Step 2 is incorrect. In the expression for step 1, you're summing over all indices, so there's no operation that brings factors of the metric over to the LHS. If you can't reduce a step to multiplying left and right-hand sides of an equation by the same factor, chances are that you did something wrong.

I left out the steps going between step 1 and step 2, but that's what I thought I did. Here are the steps I had.

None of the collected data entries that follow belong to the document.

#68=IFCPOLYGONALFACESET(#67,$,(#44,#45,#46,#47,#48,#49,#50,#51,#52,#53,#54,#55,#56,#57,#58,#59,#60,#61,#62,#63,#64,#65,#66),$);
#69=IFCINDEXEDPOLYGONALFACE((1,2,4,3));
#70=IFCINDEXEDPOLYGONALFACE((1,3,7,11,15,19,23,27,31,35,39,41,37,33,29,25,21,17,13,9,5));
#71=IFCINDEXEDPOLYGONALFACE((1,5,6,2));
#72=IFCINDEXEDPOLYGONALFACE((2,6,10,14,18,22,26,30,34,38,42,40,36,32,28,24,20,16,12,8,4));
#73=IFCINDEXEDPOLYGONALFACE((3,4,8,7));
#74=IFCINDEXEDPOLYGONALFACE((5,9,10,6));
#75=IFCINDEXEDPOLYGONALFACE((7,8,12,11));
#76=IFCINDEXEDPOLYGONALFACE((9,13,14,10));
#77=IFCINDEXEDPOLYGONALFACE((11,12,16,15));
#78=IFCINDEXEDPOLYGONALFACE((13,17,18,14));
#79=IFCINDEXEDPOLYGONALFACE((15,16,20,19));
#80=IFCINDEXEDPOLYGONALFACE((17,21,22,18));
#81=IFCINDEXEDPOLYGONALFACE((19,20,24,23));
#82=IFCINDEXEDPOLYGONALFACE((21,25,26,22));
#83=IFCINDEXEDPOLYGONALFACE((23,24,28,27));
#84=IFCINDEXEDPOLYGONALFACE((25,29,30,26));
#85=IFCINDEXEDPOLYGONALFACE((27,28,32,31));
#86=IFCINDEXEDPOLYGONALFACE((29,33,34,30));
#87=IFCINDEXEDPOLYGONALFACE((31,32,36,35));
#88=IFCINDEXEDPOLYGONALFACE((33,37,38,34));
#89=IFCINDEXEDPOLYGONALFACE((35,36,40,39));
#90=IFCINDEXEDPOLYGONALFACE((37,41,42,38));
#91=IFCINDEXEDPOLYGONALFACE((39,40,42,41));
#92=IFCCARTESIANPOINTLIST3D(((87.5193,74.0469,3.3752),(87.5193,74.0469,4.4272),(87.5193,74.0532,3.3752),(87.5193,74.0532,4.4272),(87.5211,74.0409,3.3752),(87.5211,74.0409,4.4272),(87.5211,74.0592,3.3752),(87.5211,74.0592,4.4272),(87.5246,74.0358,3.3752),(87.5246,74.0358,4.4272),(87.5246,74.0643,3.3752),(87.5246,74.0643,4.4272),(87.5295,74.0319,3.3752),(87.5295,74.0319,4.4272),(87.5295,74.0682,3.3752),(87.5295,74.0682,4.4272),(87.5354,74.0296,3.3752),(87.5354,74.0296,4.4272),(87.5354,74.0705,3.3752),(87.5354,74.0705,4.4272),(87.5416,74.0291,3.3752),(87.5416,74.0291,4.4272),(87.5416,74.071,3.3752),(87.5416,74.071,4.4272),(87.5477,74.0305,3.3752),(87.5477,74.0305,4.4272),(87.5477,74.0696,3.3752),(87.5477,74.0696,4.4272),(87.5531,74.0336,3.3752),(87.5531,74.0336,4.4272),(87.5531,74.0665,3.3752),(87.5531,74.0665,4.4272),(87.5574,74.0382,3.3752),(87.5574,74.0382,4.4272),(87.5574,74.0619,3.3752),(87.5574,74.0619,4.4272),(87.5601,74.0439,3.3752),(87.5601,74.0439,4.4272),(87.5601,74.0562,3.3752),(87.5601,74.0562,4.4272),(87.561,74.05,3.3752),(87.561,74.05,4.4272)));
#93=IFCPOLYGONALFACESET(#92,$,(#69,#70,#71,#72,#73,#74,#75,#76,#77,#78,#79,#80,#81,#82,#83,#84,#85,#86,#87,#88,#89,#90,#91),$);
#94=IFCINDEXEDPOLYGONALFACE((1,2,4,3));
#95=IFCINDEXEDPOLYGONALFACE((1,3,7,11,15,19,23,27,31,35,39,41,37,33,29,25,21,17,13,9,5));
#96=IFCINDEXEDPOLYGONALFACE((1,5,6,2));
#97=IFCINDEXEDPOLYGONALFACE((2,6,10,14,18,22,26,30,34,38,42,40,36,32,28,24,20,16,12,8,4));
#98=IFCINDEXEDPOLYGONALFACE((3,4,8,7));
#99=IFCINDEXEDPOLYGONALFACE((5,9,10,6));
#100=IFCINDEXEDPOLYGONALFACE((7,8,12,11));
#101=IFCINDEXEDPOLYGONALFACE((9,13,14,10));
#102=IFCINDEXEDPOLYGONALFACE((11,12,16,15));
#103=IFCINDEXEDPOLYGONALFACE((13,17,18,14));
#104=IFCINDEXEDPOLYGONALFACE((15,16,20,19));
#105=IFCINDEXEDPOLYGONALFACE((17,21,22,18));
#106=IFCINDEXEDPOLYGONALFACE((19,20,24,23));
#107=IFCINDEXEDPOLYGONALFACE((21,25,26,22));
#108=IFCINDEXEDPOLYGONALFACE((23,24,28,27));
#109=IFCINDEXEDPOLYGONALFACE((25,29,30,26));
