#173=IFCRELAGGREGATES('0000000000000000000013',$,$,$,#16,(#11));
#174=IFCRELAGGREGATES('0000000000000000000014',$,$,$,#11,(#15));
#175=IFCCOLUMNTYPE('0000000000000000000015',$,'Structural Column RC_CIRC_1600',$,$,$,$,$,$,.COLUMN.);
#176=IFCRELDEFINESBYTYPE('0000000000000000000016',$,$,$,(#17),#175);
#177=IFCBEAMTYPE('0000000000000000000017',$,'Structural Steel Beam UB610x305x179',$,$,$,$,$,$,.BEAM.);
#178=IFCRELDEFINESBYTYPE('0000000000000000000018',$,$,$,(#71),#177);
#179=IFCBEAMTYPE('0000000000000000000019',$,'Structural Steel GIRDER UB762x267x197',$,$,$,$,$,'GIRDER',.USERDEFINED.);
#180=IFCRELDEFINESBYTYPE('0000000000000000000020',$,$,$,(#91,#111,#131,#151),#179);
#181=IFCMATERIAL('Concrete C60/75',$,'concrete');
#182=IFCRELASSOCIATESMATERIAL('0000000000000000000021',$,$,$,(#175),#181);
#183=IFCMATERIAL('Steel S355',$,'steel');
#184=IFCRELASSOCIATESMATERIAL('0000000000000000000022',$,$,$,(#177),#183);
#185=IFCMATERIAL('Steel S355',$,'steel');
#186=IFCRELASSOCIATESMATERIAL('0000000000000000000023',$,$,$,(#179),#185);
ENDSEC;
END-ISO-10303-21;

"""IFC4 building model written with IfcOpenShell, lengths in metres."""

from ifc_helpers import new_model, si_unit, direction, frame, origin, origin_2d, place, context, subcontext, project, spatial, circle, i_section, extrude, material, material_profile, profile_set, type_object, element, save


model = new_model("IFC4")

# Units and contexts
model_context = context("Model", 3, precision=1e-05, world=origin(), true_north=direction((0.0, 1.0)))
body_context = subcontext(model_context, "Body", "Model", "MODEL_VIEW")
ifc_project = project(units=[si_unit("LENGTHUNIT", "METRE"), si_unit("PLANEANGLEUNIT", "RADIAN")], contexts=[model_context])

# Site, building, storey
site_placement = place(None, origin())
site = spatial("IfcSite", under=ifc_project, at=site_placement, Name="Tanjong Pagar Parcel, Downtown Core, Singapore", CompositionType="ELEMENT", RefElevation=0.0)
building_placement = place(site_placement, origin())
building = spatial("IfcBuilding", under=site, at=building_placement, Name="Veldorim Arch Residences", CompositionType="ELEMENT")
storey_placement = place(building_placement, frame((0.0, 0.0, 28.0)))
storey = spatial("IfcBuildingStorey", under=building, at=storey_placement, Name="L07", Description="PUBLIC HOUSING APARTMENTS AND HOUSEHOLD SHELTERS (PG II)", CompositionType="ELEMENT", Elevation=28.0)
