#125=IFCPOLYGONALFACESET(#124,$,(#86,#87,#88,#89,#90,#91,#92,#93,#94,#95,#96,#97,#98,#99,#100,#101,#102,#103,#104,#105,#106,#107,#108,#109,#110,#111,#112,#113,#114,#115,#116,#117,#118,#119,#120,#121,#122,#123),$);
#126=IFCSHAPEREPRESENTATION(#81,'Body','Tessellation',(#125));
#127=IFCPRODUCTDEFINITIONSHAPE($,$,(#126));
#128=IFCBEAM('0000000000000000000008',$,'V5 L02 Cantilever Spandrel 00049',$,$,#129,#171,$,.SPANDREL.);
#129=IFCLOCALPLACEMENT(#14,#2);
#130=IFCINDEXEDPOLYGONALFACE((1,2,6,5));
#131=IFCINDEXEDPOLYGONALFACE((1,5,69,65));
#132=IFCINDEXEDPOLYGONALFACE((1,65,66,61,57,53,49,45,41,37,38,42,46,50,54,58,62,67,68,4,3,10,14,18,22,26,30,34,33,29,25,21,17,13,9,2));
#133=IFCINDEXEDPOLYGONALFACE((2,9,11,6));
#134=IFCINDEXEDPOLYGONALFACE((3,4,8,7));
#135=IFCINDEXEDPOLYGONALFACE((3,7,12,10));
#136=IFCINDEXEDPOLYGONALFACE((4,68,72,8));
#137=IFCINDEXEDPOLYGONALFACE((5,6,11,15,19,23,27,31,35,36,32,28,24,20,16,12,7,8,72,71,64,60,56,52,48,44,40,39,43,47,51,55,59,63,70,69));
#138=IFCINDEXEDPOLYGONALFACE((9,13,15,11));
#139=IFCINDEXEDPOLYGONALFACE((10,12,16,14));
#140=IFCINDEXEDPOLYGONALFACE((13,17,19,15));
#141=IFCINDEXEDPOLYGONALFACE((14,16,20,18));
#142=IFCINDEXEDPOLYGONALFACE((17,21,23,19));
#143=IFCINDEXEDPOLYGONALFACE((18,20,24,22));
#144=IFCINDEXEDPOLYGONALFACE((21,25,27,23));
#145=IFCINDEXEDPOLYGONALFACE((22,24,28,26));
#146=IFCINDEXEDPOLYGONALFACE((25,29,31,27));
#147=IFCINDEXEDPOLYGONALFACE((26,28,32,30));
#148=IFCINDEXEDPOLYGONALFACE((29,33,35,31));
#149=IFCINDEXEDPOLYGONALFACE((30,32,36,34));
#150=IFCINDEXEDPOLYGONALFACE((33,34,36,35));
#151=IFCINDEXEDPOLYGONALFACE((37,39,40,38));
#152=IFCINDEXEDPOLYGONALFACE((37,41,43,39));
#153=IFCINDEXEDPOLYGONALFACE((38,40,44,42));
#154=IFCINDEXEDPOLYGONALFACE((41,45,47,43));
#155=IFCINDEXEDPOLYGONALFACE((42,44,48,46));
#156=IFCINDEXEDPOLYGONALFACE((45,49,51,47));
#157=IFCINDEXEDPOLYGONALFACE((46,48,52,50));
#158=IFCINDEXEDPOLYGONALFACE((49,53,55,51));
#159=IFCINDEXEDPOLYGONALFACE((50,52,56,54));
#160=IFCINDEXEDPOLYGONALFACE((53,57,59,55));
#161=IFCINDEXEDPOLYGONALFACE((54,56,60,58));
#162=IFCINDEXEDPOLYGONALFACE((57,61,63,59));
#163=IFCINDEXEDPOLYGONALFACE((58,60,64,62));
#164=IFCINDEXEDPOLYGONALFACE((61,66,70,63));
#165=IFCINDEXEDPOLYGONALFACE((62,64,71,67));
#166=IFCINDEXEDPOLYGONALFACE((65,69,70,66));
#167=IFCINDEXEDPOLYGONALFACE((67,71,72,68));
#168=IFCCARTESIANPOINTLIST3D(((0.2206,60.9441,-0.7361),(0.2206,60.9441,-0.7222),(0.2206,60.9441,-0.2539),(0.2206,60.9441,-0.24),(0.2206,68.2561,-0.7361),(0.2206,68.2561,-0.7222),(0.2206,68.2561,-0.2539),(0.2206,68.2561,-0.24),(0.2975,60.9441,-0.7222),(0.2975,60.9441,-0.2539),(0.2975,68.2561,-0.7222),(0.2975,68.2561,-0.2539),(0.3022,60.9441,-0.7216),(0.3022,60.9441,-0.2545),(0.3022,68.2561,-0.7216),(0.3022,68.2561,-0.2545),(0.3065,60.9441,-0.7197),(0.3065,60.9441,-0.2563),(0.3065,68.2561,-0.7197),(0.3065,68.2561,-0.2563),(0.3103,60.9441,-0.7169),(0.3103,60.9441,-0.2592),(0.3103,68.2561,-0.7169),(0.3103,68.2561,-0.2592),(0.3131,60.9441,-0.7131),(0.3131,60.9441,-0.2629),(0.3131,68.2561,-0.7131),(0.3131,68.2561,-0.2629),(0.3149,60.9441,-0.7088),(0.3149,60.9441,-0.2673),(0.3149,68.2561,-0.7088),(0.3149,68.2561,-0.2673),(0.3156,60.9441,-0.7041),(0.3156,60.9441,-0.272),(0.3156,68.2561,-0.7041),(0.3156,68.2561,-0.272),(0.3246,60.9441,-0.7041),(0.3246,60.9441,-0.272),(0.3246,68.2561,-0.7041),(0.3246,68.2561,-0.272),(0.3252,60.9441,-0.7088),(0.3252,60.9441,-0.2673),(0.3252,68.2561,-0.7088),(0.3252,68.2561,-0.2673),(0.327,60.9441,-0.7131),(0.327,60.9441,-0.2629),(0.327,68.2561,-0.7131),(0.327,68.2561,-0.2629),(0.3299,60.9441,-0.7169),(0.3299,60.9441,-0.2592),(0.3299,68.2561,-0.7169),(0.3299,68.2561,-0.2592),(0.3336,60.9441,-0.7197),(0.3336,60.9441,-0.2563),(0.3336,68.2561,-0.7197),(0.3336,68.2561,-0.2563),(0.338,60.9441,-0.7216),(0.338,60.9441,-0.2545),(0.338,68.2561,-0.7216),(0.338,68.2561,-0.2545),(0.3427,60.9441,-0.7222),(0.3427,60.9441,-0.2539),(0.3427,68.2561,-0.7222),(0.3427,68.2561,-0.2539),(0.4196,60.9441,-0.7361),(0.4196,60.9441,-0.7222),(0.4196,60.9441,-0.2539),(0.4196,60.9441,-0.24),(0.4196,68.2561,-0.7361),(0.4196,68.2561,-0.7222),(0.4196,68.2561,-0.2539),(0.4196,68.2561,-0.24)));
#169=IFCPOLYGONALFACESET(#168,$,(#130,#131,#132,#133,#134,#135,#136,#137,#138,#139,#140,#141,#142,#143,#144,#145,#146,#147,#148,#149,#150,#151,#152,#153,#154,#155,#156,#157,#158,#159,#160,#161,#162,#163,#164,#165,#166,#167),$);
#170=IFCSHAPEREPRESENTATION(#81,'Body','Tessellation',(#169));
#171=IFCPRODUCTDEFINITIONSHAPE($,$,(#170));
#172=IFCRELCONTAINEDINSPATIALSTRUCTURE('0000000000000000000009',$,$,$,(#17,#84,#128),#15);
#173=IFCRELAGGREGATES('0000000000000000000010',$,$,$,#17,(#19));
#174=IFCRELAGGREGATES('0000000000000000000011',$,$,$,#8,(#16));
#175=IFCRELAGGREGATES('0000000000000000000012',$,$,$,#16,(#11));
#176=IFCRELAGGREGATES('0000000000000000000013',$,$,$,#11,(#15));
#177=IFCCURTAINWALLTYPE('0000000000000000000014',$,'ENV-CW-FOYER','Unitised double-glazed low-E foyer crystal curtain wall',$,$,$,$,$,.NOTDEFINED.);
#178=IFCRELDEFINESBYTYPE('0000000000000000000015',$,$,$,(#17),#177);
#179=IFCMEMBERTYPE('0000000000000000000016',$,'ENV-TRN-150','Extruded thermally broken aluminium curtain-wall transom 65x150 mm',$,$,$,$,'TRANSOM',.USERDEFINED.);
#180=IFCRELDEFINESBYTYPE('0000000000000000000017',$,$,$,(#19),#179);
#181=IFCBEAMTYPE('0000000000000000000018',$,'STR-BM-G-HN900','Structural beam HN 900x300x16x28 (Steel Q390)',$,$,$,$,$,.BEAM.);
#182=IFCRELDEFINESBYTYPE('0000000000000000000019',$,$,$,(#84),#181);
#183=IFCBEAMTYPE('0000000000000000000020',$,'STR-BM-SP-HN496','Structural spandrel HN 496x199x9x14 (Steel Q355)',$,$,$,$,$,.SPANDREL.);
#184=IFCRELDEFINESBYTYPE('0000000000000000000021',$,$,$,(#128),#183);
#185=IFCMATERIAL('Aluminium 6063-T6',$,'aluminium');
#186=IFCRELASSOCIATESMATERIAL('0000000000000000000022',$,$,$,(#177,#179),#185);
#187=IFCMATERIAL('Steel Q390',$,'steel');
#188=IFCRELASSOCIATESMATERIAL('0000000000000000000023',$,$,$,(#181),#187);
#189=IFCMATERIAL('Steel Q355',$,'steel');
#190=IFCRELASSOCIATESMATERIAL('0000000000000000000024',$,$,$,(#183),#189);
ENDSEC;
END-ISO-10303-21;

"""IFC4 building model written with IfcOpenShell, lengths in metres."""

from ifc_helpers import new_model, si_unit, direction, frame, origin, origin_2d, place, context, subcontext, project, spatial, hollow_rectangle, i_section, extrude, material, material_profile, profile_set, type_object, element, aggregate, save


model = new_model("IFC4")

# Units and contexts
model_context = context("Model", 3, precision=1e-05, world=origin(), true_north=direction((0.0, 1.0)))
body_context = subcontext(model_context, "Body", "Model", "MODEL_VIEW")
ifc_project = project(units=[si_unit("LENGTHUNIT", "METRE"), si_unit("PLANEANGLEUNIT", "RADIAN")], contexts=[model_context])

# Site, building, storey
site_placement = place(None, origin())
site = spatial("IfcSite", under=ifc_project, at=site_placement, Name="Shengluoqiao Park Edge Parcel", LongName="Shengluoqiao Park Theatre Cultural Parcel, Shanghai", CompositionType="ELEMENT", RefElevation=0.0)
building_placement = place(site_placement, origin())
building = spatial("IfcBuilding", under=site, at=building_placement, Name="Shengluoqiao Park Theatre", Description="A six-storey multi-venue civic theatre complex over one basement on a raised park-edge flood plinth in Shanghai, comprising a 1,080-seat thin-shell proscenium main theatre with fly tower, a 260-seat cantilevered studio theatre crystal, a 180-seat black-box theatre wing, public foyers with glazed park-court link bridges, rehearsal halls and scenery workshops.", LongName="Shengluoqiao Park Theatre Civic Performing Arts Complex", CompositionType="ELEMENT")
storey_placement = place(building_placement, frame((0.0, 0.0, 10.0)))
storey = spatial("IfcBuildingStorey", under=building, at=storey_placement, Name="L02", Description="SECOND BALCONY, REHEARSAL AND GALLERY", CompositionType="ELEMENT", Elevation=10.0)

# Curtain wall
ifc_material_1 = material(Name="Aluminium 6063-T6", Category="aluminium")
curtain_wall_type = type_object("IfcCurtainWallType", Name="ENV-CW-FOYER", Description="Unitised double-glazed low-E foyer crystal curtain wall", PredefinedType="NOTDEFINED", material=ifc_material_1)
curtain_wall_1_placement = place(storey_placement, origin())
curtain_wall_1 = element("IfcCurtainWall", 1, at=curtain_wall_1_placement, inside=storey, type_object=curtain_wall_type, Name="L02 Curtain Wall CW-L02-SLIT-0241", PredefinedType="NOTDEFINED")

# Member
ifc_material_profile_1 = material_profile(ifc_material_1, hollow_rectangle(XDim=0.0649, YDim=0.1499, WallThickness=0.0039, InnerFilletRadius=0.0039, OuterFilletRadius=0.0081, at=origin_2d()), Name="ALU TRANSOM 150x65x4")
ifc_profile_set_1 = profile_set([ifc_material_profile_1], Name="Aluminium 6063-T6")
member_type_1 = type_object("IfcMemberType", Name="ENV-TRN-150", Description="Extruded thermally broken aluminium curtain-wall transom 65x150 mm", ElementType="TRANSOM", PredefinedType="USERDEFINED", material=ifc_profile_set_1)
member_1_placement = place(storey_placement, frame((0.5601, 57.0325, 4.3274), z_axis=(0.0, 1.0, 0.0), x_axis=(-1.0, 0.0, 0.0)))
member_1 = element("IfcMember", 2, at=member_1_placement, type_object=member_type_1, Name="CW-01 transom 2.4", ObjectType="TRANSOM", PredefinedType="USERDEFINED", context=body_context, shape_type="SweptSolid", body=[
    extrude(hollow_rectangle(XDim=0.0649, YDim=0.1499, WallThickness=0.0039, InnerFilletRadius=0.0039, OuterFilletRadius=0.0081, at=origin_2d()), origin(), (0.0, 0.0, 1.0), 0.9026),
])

Step 1: $$A=g_{i}^{a}g_{j}^{b}{{g}_{ab}}{{x}^{i}}{{x}^{j}}$$
Step 1a: $$\frac{V}{V}A=g_{i}^{a}g_{j}^{b}{{g}_{ab}}{{x}^{i}}{{x}^{j}}$$
Step 1b: $$\frac{1}{V}g_{a}^{a}A=g_{i}^{a}g_{j}^{b}{{g}_{ab}}{{x}^{i}}{{x}^{j}}$$
Step 1c: $$\frac{1}{V}g_{i}^{a}g_{a}^{i}A=g_{i}^{a}g_{j}^{b}{{g}_{ab}}{{x}^{i}}{{x}^{j}}$$
Step 1d: $$\frac{1}{V}g_{a}^{i}A=g_{j}^{b}{{g}_{ab}}{{x}^{i}}{{x}^{j}}$$

Step 1e: $$\frac{1}{V}\frac{1}{V}g_{b}^{b}g_{a}^{i}A=g_{j}^{b}{{g}_{ab}}{{x}^{i}}{{x}^{j}}$$
Step 1f: $$\frac{1}{V}\frac{1}{V}g_{b}^{j}g_{j}^{b}g_{a}^{i}A=g_{j}^{b}{{g}_{ab}}{{x}^{i}}{{x}^{j}}$$
Step 2: $$\frac{1}{V}\frac{1}{V}g_{a}^{i}g_{b}^{j}A={{g}_{ab}}{{x}^{i}}{{x}^{j}}$$

Is one of these steps illegal?

 

[fzero]

I left out the steps going between step 1 and step 2, but that's what I thought I did. Here are the steps I had.

Step 1: $$A=g_{i}^{a}g_{j}^{b}{{g}_{ab}}{{x}^{i}}{{x}^{j}}$$
Step 1a: $$\frac{V}{V}A=g_{i}^{a}g_{j}^{b}{{g}_{ab}}{{x}^{i}}{{x}^{j}}$$
Step 1b: $$\frac{1}{V}g_{a}^{a}A=g_{i}^{a}g_{j}^{b}{{g}_{ab}}{{x}^{i}}{{x}^{j}}$$

You already have an index $$a$$ on the RHS that's being summed over, so you shouldn't use the same index in the sum on the LHS. That's the source of your confusion. You should write:

$$\frac{1}{V}g_{c}^{c}A=g_{i}^{a}g_{j}^{b}{{g}_{ab}}{{x}^{i}}{{x}^{j}}$$

and then it's clear that you can't cancel $$g$$'s out on both sides.

You make the same mistake in some of the other steps. Just never use the same dummy index twice and it'll cut down on mistakes.